Russert: China. A Boeing 767 plane provided, sold to the Chinese government for use by their president. It was discovered by the Chinese to have wiretaps in it in the headboard of the bed, in the lavatories. What do you know about that?

Rumsfeld: I have no knowledge of it.

Russert: Have you heard from the Chinese about it?

Rumsfeld: I have not.

Russert: Was it an attempt by the United States to eavesdrop?

Rumsfeld: I have no knowledge of that subject at all.

Russert: None?

Rumsfeld: None.

Russert: No one knows anything?

Rumsfeld: I didn't say no one knows anything.

Russert: Who does?

Rumsfeld: I have no idea. If I have no knowledge, how could I know who does?

Now, Tim, let's get serious--

Russert: I'm trolling. (Laughs.)

Rumsfeld: --you asked me. You asked me and I answered. I have literally no knowledge of that subject.

Russert: Will that be a problem for U.S.-Chinese relations?

Rumsfeld: I doubt it.

Russert: Why?

Rumsfeld: Oh, look, we've got two big countries, we have lots of interests in common, and I suspect that life goes on.

Russert: Saudi Arabia now is saying that we may, in fact, have to leave Saudi Arabia, leave Prince Sultan airbase--

Rumsfeld: Let me just correct that. I think more precisely it is that a newspaper has reported that Saudi Arabia might say that. To my knowledge, the Saudis have not said that. To my knowledge, no newspaper has reported that the Saudis have said that.

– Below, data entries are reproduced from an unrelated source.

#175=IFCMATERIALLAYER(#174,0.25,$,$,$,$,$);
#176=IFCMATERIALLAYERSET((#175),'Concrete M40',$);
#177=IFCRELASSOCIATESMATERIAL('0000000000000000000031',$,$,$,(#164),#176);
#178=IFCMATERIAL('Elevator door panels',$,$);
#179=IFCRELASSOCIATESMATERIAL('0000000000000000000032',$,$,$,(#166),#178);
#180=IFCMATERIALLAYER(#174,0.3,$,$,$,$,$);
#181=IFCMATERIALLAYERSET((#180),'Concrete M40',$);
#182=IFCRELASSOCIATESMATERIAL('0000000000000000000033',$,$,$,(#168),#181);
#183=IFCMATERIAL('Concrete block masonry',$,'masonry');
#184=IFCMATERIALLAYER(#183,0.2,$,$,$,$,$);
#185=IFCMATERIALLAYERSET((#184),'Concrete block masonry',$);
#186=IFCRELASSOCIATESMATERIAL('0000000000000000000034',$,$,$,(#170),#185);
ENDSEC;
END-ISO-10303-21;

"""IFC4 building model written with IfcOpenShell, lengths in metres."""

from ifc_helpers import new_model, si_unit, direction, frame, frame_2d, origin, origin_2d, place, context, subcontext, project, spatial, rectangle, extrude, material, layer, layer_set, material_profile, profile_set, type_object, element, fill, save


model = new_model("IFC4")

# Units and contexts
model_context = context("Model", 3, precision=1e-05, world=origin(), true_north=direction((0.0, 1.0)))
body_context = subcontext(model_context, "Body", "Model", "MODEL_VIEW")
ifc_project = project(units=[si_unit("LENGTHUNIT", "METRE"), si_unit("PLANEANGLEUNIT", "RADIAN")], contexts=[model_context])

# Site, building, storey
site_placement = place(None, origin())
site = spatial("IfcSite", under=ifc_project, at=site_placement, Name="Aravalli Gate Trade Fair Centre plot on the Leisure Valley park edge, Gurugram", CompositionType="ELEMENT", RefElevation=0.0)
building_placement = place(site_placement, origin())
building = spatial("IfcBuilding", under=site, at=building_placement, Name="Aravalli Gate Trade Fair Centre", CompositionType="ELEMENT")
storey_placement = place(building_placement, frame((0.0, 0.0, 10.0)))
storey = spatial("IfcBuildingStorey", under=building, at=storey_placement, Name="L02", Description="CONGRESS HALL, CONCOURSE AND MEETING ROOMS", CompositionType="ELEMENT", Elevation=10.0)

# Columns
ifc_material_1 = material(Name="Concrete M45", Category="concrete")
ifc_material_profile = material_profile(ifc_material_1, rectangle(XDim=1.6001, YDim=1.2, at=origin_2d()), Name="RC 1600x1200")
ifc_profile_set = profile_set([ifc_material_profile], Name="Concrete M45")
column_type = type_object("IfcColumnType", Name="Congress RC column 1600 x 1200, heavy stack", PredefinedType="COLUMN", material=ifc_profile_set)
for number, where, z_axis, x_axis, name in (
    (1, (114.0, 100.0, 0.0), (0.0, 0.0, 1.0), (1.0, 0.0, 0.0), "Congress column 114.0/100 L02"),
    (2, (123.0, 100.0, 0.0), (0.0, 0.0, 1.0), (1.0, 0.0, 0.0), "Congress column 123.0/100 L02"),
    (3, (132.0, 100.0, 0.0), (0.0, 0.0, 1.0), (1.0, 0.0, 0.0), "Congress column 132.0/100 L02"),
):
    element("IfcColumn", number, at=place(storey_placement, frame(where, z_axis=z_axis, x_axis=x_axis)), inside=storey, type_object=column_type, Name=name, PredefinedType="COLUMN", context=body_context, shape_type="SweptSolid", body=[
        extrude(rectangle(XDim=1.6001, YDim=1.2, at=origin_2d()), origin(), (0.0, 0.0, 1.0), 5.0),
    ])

There was one newspaper article that has been copy-catted by other people suggesting that that's going to happen or that someone thinks that might happen. But to my knowledge, it has not happened--

Russert: So we're--

Rumsfeld: --and I would think I would know.

Russert: --the U.S. military's in Saudi Arabia for a long time to come?

Rumsfeld: Look, we are always in countries at the pleasure of the host country. That is the way it is anywhere in the world, it's the way it is with forces that are here in the United States. We generally have arrangements with them. This is a very long-standing relationship with Saudi Arabia. How it will evolve in the future is, of course, up to the Saudis.

And--and--but I've not been told that, nor have other people in the United States government been told that.

Russert: Before you go, I was at the White House Wednesday and Thursday. I heard the president refer to you as a matinee idol. I picked up--

Rumsfeld: He likes to joke.

Russert: --I picked up "The National Review," and let me show you the cover: "The Stud: Don Rumsfeld, America's New Pinup."

How is your wife dealing with this?

Rumsfeld: Joyce is amused by the whole thing.

Russert: She gets it. (Laughter.)

Rumsfeld: She thinks it's all a passing phase and life will go on.

Russert: Sixty-nine years old, and you're America's stud?

Rumsfeld: Come on. Get on to something serious, Russert.

Russert: On to Enron. Thanks for the segue. (Laughter.)

Secretary of Defense Donald Rumsfeld, thanks very much.